FKF president Hussein Mohamed with Fifa president Gianni Infantino during an inspection tour of Talanta City Stadium/FKF
The SportPesa League is now four rounds in, but the images from the terraces are troubling.
Sparse crowds, muted atmospheres and yawning rows of empty plastic seats are becoming the norm.
For a competition that once drew thousands, this decline in attendance is not merely a cosmetic issue.
It points to a deeper malaise in Kenyan football — one that the Football Kenya Federation (FKF) and its stakeholders can no longer afford to ignore.
The most obvious deterrent for supporters is safety. Stadium violence and poor crowd control have stained the reputation of domestic football.
Parents think twice before taking their children to matches; many casual fans prefer to stay away altogether.
A football ground should be a place of joy and collective release, not of risk. Unless FKF and clubs treat security as a non-negotiable priority, trust will continue to erode.
Then there is the matter of infrastructure. Too many of Kenya’s football arenas are crumbling. Cracked terraces, inadequate washrooms, and poorly maintained pitches do not make for an inviting day out.
Supporters know that in the time it takes to queue at a broken turnstile, they could be at home watching a slick English Premier League broadcast.
The contrast is unforgiving. Investment in basic facilities is not a luxury; it is a necessity if Kenyan football is to compete for attention.
The timing of fixtures does little to help. Midweek games kicking off in the early afternoon effectively shut out working fans and students.
It is little surprise that such matches are sparsely attended. Evening and weekend slots, when supporters are free, should be the default.
A calendar that works with fans rather than against them is essential. The Kenyan Premier League also suffers from a striking lack of promotion.
Fixtures are announced late, match build-up is minimal, and rivalries go undersold. In the digital age, where anticipation is built as much online as on the ground, this is a missed opportunity.

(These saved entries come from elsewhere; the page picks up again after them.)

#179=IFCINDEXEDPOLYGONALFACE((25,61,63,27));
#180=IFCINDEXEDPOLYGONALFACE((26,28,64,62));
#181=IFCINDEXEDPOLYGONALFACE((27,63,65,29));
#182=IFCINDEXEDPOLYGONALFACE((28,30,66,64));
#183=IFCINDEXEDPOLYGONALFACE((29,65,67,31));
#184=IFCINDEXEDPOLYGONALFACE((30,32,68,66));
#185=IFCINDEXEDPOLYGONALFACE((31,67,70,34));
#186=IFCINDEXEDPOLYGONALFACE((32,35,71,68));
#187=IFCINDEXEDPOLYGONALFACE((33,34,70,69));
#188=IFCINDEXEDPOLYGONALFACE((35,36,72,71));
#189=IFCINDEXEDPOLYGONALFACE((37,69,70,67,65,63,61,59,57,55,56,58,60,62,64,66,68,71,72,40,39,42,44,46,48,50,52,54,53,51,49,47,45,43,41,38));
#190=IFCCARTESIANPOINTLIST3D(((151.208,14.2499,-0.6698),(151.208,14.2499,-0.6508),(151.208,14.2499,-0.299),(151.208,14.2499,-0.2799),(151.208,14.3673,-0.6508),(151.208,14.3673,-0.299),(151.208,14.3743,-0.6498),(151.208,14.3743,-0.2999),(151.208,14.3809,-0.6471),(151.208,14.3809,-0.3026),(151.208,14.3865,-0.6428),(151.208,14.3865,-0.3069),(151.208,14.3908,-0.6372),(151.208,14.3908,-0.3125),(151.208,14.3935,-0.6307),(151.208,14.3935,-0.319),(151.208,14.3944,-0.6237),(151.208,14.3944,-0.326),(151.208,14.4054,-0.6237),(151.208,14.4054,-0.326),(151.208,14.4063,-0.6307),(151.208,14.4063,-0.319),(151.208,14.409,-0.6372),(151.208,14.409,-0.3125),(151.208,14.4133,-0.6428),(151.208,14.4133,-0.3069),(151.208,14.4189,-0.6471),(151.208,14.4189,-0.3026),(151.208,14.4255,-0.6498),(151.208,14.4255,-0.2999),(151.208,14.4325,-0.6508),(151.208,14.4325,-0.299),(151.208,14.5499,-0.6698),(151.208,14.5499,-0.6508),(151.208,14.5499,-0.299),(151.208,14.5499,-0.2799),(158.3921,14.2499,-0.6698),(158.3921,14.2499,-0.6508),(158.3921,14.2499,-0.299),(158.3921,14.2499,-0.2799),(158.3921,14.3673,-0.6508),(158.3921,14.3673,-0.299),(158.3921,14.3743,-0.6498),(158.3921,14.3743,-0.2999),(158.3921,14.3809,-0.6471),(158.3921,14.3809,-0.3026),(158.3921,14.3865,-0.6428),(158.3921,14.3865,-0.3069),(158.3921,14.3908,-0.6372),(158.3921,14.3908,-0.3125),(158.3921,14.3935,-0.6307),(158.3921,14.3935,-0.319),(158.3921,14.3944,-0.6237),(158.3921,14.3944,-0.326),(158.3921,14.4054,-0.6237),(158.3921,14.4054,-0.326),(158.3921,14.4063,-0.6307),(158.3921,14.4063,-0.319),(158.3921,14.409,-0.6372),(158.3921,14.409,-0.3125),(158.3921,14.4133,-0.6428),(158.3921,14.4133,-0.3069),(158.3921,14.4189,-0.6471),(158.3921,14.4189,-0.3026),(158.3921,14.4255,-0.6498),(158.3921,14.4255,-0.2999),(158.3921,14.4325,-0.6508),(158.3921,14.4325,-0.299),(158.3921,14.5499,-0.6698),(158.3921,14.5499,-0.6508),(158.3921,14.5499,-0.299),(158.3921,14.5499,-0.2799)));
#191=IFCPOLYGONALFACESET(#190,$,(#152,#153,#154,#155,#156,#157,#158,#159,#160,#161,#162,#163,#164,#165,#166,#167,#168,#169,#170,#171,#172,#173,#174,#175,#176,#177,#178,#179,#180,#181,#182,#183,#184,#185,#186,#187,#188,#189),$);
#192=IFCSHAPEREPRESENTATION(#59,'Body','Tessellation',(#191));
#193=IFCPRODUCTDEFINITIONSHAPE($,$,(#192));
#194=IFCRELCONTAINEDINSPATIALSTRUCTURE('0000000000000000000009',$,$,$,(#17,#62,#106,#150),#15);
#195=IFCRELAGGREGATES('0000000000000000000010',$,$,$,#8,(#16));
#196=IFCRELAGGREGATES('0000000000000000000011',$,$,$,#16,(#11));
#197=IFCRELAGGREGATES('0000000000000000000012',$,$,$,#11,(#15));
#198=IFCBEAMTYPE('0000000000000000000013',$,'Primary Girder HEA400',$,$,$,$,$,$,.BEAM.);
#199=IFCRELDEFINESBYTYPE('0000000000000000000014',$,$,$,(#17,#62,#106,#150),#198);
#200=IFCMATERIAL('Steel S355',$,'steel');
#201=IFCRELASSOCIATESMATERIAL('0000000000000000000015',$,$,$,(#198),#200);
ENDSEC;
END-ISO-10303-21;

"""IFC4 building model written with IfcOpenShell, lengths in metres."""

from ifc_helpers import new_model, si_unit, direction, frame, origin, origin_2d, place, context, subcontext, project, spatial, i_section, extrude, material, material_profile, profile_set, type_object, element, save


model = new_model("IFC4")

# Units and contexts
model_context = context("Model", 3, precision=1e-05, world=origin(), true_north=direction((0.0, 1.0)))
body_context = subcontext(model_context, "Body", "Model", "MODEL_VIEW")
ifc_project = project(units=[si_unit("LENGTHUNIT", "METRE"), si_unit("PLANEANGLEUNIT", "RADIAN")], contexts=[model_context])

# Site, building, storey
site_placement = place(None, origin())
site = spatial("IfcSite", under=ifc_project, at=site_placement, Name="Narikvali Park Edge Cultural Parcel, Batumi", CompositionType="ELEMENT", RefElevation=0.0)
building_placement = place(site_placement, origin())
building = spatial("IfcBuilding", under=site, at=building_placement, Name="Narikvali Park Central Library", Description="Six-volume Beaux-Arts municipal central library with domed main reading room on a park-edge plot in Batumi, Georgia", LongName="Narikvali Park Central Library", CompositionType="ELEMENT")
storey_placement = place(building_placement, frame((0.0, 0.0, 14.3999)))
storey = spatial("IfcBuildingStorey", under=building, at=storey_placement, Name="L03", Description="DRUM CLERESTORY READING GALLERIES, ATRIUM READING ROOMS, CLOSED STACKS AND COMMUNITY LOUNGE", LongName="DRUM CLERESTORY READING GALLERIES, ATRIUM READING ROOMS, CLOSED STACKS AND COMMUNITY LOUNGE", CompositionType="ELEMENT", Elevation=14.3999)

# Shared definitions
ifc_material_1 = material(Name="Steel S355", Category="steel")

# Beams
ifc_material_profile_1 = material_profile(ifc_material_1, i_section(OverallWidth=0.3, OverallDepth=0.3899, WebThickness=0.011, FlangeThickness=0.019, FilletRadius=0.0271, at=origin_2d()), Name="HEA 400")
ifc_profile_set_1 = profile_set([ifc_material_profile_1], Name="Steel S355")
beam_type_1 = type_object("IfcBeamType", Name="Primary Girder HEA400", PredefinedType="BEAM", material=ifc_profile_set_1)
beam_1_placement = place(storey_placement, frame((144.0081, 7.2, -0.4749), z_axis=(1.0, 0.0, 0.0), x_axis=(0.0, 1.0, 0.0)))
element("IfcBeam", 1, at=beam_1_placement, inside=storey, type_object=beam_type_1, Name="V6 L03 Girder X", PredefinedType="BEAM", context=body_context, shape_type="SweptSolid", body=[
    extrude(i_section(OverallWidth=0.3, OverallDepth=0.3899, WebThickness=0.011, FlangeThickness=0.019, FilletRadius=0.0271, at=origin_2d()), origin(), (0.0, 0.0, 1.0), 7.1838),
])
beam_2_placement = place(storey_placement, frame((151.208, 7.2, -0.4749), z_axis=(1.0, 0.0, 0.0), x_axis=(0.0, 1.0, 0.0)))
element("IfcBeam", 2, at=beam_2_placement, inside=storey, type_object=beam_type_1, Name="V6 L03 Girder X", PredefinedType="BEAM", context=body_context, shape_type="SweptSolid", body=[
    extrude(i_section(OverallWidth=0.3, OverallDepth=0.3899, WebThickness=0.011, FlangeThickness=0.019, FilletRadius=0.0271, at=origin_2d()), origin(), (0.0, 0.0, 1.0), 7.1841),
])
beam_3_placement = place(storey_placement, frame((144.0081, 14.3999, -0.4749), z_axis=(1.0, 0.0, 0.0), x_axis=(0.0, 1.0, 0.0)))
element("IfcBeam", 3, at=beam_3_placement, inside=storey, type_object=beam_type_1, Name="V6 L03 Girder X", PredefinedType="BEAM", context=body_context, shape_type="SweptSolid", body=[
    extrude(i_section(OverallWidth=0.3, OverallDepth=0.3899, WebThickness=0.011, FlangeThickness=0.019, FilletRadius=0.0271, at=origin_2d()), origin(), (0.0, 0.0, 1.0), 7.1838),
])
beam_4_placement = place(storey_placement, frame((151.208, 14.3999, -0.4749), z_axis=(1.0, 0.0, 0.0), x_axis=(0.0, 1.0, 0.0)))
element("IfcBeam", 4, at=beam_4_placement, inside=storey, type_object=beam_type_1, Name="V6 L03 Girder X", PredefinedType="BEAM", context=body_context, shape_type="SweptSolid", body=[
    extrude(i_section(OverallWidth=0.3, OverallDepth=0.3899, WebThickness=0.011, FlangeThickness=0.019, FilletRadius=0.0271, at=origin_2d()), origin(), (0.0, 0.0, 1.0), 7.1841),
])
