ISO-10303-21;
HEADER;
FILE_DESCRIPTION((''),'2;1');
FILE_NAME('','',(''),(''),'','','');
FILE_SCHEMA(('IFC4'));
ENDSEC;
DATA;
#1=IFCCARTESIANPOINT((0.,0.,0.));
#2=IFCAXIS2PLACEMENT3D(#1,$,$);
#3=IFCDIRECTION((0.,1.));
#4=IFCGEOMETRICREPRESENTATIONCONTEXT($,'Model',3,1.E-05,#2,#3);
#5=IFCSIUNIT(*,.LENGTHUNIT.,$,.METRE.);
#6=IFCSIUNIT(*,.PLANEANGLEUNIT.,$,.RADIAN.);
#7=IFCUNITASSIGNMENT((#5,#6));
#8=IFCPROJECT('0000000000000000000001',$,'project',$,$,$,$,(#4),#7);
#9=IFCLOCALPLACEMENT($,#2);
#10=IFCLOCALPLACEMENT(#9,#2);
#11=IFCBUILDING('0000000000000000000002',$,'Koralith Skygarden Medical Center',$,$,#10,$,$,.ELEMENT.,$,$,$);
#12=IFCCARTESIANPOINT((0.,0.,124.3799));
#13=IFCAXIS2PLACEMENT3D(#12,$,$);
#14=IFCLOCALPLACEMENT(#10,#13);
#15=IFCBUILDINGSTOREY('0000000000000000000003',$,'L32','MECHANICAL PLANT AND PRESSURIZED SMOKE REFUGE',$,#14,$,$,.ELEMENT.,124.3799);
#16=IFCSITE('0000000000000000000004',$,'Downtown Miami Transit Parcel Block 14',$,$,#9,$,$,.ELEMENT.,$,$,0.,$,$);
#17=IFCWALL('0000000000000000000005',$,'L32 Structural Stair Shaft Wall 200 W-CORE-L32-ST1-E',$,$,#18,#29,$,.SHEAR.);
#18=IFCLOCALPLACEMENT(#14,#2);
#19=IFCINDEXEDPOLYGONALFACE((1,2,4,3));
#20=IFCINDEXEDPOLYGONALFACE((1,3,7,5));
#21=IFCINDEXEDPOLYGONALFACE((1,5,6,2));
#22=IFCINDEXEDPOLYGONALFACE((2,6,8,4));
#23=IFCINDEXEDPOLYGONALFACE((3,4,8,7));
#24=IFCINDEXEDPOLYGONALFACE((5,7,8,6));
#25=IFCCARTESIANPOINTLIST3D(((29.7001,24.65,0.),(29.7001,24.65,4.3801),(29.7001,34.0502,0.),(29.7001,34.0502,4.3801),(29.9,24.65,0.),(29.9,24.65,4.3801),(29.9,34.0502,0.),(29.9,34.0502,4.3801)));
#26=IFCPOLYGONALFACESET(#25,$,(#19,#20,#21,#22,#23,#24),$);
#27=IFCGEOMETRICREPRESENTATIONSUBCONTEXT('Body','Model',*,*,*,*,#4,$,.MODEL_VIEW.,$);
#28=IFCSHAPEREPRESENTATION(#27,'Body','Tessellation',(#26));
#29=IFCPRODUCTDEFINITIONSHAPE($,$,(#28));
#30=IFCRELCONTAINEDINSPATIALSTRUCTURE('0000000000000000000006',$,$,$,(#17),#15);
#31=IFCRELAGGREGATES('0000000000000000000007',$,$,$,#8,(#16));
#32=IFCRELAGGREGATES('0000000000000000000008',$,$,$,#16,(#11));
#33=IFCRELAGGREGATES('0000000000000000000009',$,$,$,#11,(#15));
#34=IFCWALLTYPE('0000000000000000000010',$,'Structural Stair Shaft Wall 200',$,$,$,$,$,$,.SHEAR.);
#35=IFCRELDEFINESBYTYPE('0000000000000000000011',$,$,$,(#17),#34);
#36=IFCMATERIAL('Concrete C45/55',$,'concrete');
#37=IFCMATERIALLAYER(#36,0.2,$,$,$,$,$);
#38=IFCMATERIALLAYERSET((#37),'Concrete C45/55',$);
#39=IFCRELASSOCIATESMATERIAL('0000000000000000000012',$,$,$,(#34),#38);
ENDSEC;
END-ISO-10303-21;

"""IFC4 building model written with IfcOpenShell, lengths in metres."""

from ifc_helpers import new_model, si_unit, direction, frame, frame_2d, origin, place, context, subcontext, project, spatial, rectangle, extrude, material, layer, layer_set, type_object, element, save


model = new_model("IFC4")

# Units and contexts
model_context = context("Model", 3, precision=1e-05, world=origin(), true_north=direction((0.0, 1.0)))
body_context = subcontext(model_context, "Body", "Model", "MODEL_VIEW")
ifc_project = project(units=[si_unit("LENGTHUNIT", "METRE"), si_unit("PLANEANGLEUNIT", "RADIAN")], contexts=[model_context])

# Site, building, storey
site_placement = place(None, origin())
site = spatial("IfcSite", under=ifc_project, at=site_placement, Name="Downtown Miami Transit Parcel Block 14", CompositionType="ELEMENT", RefElevation=0.0)
building_placement = place(site_placement, origin())
building = spatial("IfcBuilding", under=site, at=building_placement, Name="Koralith Skygarden Medical Center", CompositionType="ELEMENT")
storey_placement = place(building_placement, frame((0.0, 0.0, 124.3799)))
storey = spatial("IfcBuildingStorey", under=building, at=storey_placement, Name="L32", Description="MECHANICAL PLANT AND PRESSURIZED SMOKE REFUGE", CompositionType="ELEMENT", Elevation=124.3799)

# Wall
ifc_material_1 = material(Name="Concrete C45/55", Category="concrete")
ifc_layer_1 = layer(ifc_material_1, 0.2)
ifc_layer_set_1 = layer_set([ifc_layer_1], Name="Concrete C45/55")
wall_type_1 = type_object("IfcWallType", Name="Structural Stair Shaft Wall 200", PredefinedType="SHEAR", material=ifc_layer_set_1)
wall_1_placement = place(storey_placement, frame((29.8, 24.6499, 0.0), z_axis=(0.0, 0.0, 1.0), x_axis=(0.0, 1.0, 0.0)))
element("IfcWall", 1, at=wall_1_placement, inside=storey, type_object=wall_type_1, Name="L32 Structural Stair Shaft Wall 200 W-CORE-L32-ST1-E", PredefinedType="SHEAR", context=body_context, shape_type="SweptSolid", body=[
    extrude(rectangle(XDim=9.4001, YDim=0.2, at=frame_2d((4.7002, 0.0))), origin(), (0.0, 0.0, 1.0), 4.3801),
])

save(model, "model.ifc")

Clubs and FKF need to tell better stories: about players, about derbies, about what is at stake. Football is drama, but only if people know the script.
Ticketing remains another barrier. Prices often feel disconnected from the quality of the product, while buying a ticket can be a cumbersome affair.
A move towards affordable, digital ticketing—linked to mobile money platforms that Kenyans already use daily—could make attendance more attractive and accessible.
Of course, no amount of marketing can disguise poor football. Supporters are increasingly attuned to quality, and many compare local matches with the seamless coverage of European leagues.
Erratic officiating, questionable fitness levels, and one-dimensional tactics do little to inspire loyalty. Investment in coaching, refereeing standards, and player development is critical.
Without a genuine improvement in the football itself, efforts to woo fans will be cosmetic at best.
Paradoxically, what keeps many Kenyans connected to football is not the stadium but the screen. Yet domestic football has lagged in embracing broadcasting and social media. Highlights are patchy, streams unreliable, and official accounts underwhelming.
If KPL is to win back the younger demographic, it must occupy the digital spaces where fans already live.
Visibility breeds relevance; invisibility hastens decline. Finally, the culture around Kenyan football needs revitalising.
Matchday should feel like a communal festival: music, colour, children’s activities, merchandise stalls, and genuine hospitality.
Too often, attending a game is reduced to a barebones affair. The world’s most successful football leagues are not simply about goals; they are about the spectacle and the ritual. Kenyan football can, and must, learn from this.
Empty stands are not only a financial headache. They are an indictment of how far the sport has drifted from its community roots.
Restoring that connection requires more than a cosmetic facelift. It calls for joined-up thinking between FKF, clubs, sponsors, county governments, and supporters themselves. Kenyan football has known better days.
The question now is whether it can rediscover them. Unless bold steps are taken to address safety, infrastructure, scheduling, marketing, quality, and culture, the silence of half-empty terraces will continue to echo louder than the referee’s whistle.